That should be pretty fast! It should be under 100 ms (one tenth of one second!) to determine the primes up to a million, and on a newer computer it should be under 50ms. We have gotten pretty close to the fastest algorithms that you can find in Python, without using external packages (like SAGE or sympy). See the related discussion on StackOverflow... the code in this lesson was influenced by the code presented there.

Prove that the length of

`range(p*p, n, 2*p)`

equals $\lfloor \frac{n - p^2 - 1}{2p} \rfloor + 1$.A natural number $n$ is called squarefree if it has no perfect square divides $n$ except for 1. Write a function

`squarefree_list(n)`

which outputs a list of booleans:`True`

if the index is squarefree and`False`

if the index is not squarefree. For example, if you execute`squarefree_list(12)`

, the output should be`[False, True, True, True, False, True, True, True, False, False, True, True, False]`

. Note that the`False`

entries are located the indices 0, 4, 8, 9, 12. These natural numbers have perfect square divisors besides 1.Your DNA contains about 3 billion base pairs. Each "base pair" can be thought of as a letter, A, T, G, or C. How many bits would be required to store a single base pair? In other words, how might you convert a sequence of booleans into a letter A,T,G, or C? Given this, how many megabytes or gigabytes are required to store your DNA? How many people's DNA would fit on a thumb-drive?

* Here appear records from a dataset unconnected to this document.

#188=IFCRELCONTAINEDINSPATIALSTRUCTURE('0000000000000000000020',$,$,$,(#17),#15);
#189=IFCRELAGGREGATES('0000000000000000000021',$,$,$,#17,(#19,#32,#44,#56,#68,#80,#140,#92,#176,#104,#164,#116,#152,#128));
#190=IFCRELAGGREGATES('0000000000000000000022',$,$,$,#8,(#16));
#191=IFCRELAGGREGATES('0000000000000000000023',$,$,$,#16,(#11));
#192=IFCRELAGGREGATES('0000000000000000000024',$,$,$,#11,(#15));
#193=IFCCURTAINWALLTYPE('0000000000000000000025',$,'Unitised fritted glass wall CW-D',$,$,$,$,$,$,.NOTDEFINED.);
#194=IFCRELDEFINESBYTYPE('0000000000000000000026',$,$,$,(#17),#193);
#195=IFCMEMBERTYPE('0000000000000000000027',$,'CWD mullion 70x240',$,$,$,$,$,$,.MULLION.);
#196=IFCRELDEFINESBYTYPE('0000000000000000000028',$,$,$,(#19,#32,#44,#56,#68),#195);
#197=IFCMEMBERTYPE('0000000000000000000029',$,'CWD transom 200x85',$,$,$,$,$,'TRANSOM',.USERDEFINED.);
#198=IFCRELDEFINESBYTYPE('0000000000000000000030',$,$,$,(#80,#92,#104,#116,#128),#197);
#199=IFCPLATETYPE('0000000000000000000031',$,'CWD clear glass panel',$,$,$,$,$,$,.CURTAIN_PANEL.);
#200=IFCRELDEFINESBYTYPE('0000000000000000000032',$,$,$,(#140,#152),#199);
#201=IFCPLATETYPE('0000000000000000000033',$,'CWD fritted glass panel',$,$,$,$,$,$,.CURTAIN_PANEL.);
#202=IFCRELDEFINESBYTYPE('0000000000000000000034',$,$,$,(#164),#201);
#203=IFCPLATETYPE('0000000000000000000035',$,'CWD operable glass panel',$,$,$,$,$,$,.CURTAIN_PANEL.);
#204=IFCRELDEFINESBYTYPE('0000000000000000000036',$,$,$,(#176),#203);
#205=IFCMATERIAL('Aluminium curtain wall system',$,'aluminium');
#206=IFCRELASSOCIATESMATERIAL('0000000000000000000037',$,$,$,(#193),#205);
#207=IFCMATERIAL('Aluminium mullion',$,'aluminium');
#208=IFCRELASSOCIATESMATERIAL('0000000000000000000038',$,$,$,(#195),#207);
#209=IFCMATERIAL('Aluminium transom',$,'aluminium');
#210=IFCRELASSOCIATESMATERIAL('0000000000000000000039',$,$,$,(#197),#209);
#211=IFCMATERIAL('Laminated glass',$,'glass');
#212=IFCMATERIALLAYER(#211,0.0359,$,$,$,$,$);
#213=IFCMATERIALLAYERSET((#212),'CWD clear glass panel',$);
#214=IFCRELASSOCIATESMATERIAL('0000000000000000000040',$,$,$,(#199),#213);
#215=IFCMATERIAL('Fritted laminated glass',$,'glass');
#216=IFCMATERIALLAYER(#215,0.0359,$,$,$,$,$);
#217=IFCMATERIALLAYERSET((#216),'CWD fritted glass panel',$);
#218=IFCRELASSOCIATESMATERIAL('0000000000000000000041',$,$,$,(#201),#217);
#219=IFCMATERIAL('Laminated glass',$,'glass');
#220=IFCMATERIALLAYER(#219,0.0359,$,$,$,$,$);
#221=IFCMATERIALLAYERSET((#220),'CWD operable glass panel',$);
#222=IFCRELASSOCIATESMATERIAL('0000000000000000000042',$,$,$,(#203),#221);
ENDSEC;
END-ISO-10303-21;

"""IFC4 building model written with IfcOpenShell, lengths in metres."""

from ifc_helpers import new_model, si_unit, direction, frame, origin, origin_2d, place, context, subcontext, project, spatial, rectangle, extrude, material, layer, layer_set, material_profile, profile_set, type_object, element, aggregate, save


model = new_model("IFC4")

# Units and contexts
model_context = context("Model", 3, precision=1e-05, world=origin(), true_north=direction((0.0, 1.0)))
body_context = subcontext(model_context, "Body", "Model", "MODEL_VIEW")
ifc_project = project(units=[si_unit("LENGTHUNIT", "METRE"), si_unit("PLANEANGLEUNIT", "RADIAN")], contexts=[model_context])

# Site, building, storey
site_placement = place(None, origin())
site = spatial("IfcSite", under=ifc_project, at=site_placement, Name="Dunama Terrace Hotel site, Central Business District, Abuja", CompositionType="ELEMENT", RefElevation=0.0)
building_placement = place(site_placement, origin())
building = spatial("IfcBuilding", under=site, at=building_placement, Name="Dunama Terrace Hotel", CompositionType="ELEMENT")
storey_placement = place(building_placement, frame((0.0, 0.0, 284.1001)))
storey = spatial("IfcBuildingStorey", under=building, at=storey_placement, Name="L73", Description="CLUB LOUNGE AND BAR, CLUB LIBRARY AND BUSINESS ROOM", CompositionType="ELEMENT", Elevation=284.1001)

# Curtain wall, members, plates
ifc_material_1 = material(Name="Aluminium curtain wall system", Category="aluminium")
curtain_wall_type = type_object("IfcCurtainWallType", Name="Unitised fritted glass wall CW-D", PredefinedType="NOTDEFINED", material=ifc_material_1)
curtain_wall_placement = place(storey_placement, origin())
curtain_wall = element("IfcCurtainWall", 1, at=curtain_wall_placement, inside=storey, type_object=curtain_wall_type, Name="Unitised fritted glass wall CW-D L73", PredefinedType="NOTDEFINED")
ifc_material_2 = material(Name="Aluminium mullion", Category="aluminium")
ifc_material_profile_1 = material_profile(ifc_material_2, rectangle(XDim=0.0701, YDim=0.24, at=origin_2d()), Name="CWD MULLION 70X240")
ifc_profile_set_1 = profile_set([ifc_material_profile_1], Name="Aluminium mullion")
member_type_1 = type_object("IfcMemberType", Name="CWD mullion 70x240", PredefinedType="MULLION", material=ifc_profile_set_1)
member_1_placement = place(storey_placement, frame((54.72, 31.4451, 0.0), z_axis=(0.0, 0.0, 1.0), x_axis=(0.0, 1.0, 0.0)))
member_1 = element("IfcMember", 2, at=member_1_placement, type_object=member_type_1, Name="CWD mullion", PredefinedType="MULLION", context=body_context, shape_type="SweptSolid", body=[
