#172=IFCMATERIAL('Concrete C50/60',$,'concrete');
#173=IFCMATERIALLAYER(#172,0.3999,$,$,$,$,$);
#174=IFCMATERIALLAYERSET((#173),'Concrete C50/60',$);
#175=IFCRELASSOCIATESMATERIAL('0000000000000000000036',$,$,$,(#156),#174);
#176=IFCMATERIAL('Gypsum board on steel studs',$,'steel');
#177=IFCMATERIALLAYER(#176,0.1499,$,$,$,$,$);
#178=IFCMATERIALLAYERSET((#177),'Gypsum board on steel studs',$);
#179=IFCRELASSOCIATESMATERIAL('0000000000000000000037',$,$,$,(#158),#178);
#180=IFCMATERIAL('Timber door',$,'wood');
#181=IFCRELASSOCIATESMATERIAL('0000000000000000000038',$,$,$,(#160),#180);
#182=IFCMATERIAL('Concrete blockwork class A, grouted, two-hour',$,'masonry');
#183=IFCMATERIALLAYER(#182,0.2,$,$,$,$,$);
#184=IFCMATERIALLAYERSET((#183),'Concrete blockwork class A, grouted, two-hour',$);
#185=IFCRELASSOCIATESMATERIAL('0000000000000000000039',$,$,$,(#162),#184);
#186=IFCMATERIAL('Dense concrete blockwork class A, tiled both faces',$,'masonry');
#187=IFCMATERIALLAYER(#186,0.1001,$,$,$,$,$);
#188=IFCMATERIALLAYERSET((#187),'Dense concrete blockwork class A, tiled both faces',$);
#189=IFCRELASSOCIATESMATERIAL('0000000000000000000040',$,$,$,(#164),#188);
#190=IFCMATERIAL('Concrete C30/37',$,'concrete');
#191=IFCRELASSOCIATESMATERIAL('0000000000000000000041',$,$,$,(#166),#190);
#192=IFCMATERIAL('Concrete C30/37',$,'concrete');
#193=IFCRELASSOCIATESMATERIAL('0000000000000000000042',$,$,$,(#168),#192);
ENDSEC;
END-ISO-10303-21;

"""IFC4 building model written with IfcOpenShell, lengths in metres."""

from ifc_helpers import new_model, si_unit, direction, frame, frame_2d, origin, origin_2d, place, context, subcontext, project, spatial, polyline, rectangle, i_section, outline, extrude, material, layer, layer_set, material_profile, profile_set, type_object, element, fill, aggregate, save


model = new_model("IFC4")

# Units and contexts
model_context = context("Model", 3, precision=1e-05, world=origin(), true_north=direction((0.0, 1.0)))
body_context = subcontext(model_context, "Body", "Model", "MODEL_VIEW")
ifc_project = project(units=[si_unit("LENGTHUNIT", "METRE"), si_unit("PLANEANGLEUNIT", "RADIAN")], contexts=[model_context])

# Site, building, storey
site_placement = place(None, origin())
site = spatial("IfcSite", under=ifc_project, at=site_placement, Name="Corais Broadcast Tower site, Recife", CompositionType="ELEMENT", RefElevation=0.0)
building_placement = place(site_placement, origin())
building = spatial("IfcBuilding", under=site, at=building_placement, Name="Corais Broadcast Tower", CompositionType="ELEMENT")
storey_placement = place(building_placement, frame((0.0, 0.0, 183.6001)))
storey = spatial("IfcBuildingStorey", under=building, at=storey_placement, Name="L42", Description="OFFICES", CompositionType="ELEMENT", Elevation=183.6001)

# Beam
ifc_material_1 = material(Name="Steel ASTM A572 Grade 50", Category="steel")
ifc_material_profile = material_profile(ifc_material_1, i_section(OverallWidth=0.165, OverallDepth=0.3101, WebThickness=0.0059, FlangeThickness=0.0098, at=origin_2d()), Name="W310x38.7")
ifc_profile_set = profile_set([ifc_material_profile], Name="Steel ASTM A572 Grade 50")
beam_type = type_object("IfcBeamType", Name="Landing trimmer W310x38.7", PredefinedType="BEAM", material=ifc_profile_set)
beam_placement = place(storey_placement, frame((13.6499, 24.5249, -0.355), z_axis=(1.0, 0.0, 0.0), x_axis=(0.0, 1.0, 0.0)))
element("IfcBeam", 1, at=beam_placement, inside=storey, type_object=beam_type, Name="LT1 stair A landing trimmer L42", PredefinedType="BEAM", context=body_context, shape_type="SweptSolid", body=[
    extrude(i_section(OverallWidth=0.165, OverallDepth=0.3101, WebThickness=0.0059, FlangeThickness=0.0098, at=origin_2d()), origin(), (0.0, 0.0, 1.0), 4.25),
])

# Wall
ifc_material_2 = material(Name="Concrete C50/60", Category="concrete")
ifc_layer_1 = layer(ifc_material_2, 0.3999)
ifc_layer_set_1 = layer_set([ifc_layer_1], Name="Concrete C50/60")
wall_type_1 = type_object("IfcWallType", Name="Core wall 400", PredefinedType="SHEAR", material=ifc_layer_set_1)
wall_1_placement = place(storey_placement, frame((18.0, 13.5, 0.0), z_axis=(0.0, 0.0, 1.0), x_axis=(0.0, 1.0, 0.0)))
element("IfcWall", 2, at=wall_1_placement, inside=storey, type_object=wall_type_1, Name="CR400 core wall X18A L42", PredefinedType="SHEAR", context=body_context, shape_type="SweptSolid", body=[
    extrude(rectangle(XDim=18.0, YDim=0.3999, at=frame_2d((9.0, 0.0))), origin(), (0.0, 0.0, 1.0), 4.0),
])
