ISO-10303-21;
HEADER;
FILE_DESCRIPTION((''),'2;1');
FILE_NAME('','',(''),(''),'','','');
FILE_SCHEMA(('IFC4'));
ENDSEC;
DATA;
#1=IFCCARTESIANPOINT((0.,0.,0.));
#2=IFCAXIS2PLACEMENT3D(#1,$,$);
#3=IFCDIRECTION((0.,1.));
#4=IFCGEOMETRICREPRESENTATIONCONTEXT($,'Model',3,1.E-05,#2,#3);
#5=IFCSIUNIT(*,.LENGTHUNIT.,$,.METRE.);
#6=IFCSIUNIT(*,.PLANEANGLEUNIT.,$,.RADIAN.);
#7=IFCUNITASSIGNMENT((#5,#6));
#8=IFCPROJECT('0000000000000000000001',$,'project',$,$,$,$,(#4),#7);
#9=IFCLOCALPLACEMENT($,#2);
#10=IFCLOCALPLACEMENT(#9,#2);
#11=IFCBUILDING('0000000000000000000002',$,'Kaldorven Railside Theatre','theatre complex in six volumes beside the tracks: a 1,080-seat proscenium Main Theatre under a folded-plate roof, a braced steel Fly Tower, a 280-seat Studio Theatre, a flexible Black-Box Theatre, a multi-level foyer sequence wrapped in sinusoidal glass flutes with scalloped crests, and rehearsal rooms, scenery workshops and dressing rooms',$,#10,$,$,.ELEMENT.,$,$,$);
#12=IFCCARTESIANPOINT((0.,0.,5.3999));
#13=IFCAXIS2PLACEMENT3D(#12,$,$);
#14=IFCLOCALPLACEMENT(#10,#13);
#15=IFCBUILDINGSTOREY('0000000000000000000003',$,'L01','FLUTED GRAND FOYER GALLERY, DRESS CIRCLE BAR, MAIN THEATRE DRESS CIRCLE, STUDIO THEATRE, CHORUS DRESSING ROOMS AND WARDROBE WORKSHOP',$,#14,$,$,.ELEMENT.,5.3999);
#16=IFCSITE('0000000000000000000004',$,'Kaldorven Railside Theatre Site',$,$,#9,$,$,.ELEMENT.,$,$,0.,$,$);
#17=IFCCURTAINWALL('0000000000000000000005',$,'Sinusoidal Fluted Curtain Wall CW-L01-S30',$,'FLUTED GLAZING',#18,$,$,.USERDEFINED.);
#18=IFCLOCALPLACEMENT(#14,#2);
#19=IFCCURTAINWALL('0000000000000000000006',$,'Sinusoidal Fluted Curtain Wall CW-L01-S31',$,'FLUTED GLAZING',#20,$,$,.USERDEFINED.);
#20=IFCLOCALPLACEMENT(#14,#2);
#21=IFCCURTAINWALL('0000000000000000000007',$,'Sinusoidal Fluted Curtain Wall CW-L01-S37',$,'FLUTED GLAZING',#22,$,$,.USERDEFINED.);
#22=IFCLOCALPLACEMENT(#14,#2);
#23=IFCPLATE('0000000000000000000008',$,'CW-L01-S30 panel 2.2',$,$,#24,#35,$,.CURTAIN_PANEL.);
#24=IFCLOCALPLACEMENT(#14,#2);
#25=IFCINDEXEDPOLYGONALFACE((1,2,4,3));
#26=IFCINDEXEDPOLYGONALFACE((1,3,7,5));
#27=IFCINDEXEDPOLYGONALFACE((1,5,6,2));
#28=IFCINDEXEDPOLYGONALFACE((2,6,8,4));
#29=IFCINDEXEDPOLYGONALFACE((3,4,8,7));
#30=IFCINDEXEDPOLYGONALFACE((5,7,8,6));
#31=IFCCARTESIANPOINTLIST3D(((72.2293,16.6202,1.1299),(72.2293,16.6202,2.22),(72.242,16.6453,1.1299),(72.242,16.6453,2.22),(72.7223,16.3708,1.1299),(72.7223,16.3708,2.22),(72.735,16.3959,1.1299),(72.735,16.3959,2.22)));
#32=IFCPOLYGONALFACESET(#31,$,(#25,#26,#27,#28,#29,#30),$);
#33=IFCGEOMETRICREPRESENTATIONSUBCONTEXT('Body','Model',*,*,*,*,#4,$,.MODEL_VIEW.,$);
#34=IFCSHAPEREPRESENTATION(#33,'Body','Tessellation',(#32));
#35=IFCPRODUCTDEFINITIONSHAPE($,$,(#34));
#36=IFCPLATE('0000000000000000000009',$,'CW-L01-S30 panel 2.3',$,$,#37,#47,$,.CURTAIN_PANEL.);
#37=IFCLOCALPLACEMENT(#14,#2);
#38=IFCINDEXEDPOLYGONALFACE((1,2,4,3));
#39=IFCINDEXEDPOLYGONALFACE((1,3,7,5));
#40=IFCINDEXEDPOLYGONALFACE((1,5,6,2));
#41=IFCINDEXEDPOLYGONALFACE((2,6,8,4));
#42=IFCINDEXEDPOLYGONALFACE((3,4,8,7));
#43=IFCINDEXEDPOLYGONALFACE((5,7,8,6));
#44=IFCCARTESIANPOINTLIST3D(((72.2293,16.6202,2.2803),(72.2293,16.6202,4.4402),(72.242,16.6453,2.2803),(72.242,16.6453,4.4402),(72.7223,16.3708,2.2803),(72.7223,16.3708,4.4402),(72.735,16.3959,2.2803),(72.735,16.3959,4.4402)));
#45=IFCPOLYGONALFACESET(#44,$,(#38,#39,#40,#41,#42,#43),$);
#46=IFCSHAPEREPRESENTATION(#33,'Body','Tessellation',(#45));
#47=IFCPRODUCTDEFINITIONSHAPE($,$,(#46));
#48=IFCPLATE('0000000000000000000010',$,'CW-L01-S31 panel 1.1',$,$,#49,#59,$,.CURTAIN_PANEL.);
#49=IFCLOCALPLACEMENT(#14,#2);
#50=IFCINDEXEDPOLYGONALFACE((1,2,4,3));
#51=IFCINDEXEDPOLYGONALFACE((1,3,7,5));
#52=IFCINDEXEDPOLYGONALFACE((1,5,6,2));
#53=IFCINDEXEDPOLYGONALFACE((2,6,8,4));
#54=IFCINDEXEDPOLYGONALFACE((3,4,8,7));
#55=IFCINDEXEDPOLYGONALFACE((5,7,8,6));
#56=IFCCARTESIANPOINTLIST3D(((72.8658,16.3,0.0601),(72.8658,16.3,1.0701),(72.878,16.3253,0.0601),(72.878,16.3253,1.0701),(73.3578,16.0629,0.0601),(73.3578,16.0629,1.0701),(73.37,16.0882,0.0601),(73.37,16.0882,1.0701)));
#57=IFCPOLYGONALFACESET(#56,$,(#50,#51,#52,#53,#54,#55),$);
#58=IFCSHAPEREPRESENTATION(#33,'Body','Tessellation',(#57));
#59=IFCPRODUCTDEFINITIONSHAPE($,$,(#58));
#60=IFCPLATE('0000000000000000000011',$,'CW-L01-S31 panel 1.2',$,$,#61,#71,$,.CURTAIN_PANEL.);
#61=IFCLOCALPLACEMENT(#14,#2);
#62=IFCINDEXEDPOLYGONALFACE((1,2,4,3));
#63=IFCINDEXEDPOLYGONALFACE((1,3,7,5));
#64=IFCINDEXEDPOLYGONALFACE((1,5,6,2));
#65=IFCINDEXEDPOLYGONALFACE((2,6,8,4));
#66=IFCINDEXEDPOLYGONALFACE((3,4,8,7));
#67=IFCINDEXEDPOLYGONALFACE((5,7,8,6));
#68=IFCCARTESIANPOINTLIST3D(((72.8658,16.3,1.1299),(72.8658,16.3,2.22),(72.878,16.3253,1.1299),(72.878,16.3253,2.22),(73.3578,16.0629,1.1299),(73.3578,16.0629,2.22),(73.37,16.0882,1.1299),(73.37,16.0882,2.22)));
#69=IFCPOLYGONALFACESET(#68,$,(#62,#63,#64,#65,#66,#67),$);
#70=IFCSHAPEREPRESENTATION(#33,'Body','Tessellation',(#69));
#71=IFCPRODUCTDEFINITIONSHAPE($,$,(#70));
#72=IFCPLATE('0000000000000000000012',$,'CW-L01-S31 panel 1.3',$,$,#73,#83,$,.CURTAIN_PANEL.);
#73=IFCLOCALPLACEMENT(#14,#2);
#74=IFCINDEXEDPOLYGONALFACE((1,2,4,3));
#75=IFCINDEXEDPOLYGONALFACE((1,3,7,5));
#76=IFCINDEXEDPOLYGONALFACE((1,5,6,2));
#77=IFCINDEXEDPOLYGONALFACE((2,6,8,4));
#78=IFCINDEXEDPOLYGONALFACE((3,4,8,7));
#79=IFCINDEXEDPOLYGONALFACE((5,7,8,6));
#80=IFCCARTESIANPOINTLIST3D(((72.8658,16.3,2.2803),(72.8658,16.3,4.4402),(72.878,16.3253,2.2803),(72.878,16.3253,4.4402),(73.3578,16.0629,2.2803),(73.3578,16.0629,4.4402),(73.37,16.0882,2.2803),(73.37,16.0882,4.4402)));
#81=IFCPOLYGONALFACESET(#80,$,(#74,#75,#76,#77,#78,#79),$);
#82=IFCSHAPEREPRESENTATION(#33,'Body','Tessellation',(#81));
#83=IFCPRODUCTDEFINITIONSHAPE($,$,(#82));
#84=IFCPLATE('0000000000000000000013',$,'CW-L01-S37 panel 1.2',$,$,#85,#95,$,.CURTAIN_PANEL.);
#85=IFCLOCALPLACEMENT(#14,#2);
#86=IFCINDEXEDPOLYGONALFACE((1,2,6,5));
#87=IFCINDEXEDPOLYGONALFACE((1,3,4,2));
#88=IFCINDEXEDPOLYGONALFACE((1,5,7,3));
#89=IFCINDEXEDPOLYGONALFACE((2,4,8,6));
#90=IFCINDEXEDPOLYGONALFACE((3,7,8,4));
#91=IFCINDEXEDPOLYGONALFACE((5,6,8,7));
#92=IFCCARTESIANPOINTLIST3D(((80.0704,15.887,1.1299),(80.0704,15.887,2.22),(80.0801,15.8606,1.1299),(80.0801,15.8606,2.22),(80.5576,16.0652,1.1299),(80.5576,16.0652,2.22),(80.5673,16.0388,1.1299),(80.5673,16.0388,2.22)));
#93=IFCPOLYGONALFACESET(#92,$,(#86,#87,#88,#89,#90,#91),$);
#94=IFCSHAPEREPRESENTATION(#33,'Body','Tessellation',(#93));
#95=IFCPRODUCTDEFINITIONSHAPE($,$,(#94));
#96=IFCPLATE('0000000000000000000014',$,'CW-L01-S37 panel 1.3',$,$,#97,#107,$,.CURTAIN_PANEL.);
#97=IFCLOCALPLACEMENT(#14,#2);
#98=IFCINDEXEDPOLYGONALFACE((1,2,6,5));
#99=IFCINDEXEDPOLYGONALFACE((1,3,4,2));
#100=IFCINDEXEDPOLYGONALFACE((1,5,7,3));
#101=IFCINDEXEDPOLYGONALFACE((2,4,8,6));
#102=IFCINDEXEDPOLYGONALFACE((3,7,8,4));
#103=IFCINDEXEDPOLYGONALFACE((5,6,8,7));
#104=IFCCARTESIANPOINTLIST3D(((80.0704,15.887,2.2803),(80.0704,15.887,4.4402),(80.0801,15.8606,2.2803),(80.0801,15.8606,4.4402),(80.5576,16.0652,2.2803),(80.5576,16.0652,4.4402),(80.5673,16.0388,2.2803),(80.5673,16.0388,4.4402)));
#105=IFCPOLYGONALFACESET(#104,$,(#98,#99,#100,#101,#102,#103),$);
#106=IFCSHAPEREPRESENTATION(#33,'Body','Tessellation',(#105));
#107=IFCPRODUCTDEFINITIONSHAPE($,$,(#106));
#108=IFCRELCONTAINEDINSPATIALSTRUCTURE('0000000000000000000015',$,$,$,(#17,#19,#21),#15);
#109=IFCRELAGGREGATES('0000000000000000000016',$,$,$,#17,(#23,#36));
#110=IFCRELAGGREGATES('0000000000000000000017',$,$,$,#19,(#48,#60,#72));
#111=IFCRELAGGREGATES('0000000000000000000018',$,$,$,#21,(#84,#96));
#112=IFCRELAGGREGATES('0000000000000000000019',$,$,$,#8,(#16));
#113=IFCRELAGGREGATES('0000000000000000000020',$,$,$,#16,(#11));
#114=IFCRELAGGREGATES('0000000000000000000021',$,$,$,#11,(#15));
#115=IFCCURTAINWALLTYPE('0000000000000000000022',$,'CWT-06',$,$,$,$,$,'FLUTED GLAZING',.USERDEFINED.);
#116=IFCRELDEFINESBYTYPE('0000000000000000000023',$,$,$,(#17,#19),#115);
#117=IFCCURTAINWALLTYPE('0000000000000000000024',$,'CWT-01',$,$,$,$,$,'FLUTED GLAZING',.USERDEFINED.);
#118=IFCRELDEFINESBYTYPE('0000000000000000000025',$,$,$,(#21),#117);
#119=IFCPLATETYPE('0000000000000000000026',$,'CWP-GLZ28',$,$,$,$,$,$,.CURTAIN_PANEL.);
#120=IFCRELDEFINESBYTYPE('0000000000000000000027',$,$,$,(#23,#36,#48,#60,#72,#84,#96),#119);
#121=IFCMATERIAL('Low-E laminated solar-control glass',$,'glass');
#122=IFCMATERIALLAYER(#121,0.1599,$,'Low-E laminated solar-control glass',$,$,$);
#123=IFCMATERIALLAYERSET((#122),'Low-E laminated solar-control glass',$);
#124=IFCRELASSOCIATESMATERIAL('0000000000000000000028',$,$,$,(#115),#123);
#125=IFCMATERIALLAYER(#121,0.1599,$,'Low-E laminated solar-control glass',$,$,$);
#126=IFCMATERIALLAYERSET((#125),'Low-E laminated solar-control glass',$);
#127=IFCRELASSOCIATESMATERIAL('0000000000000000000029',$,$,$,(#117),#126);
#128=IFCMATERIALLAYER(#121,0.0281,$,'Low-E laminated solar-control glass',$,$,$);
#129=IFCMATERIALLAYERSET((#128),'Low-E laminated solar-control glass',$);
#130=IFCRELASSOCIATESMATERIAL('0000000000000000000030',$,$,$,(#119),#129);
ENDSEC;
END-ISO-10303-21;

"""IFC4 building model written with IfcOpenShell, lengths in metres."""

from ifc_helpers import new_model, si_unit, direction, frame, origin, origin_2d, place, context, subcontext, project, spatial, rectangle, extrude, material, layer, layer_set, type_object, element, aggregate, save


model = new_model("IFC4")

# Units and contexts
model_context = context("Model", 3, precision=1e-05, world=origin(), true_north=direction((0.0, 1.0)))
body_context = subcontext(model_context, "Body", "Model", "MODEL_VIEW")
ifc_project = project(units=[si_unit("LENGTHUNIT", "METRE"), si_unit("PLANEANGLEUNIT", "RADIAN")], contexts=[model_context])

# Site, building, storey
site_placement = place(None, origin())
site = spatial("IfcSite", under=ifc_project, at=site_placement, Name="Kaldorven Railside Theatre Site", CompositionType="ELEMENT", RefElevation=0.0)
building_placement = place(site_placement, origin())
building = spatial("IfcBuilding", under=site, at=building_placement, Name="Kaldorven Railside Theatre", Description="theatre complex in six volumes beside the tracks: a 1,080-seat proscenium Main Theatre under a folded-plate roof, a braced steel Fly Tower, a 280-seat Studio Theatre, a flexible Black-Box Theatre, a multi-level foyer sequence wrapped in sinusoidal glass flutes with scalloped crests, and rehearsal rooms, scenery workshops and dressing rooms", CompositionType="ELEMENT")
storey_placement = place(building_placement, frame((0.0, 0.0, 5.3999)))
storey = spatial("IfcBuildingStorey", under=building, at=storey_placement, Name="L01", Description="FLUTED GRAND FOYER GALLERY, DRESS CIRCLE BAR, MAIN THEATRE DRESS CIRCLE, STUDIO THEATRE, CHORUS DRESSING ROOMS AND WARDROBE WORKSHOP", CompositionType="ELEMENT", Elevation=5.3999)

# Curtain wall
ifc_material_1 = material(Name="Low-E laminated solar-control glass", Category="glass")
ifc_layer_1 = layer(ifc_material_1, 0.1599, Name="Low-E laminated solar-control glass")
ifc_layer_set_1 = layer_set([ifc_layer_1], Name="Low-E laminated solar-control glass")
curtain_wall_type_1 = type_object("IfcCurtainWallType", Name="CWT-06", ElementType="FLUTED GLAZING", PredefinedType="USERDEFINED", material=ifc_layer_set_1)
curtain_wall_1_placement = place(storey_placement, origin())
curtain_wall_1 = element("IfcCurtainWall", 1, at=curtain_wall_1_placement, inside=storey, type_object=curtain_wall_type_1, Name="Sinusoidal Fluted Curtain Wall CW-L01-S30", ObjectType="FLUTED GLAZING", PredefinedType="USERDEFINED")

# Curtain wall
curtain_wall_2_placement = place(storey_placement, origin())
curtain_wall_2 = element("IfcCurtainWall", 2, at=curtain_wall_2_placement, inside=storey, type_object=curtain_wall_type_1, Name="Sinusoidal Fluted Curtain Wall CW-L01-S31", ObjectType="FLUTED GLAZING", PredefinedType="USERDEFINED")

# Curtain wall
ifc_layer_2 = layer(ifc_material_1, 0.1599, Name="Low-E laminated solar-control glass")
ifc_layer_set_2 = layer_set([ifc_layer_2], Name="Low-E laminated solar-control glass")
curtain_wall_type_2 = type_object("IfcCurtainWallType", Name="CWT-01", ElementType="FLUTED GLAZING", PredefinedType="USERDEFINED", material=ifc_layer_set_2)
curtain_wall_3_placement = place(storey_placement, origin())
curtain_wall_3 = element("IfcCurtainWall", 3, at=curtain_wall_3_placement, inside=storey, type_object=curtain_wall_type_2, Name="Sinusoidal Fluted Curtain Wall CW-L01-S37", ObjectType="FLUTED GLAZING", PredefinedType="USERDEFINED")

Now that we can produce a list of prime numbers quickly, we can do some data analysis: some experimental number theory to look for trends or patterns in the sequence of prime numbers. Since Euclid (about 300 BCE), we have known that there are infinitely many prime numbers. But how are they distributed? What proportion of numbers are prime, and how does this proportion change over different ranges? As theoretical questions, these belong the the field of analytic number theory. But it is hard to know what to prove without doing a bit of experimentation. And so, at least since Gauss (read Tschinkel's article about Gauss's tables) started examining his extensive tables of prime numbers, mathematicians have been carrying out experimental number theory.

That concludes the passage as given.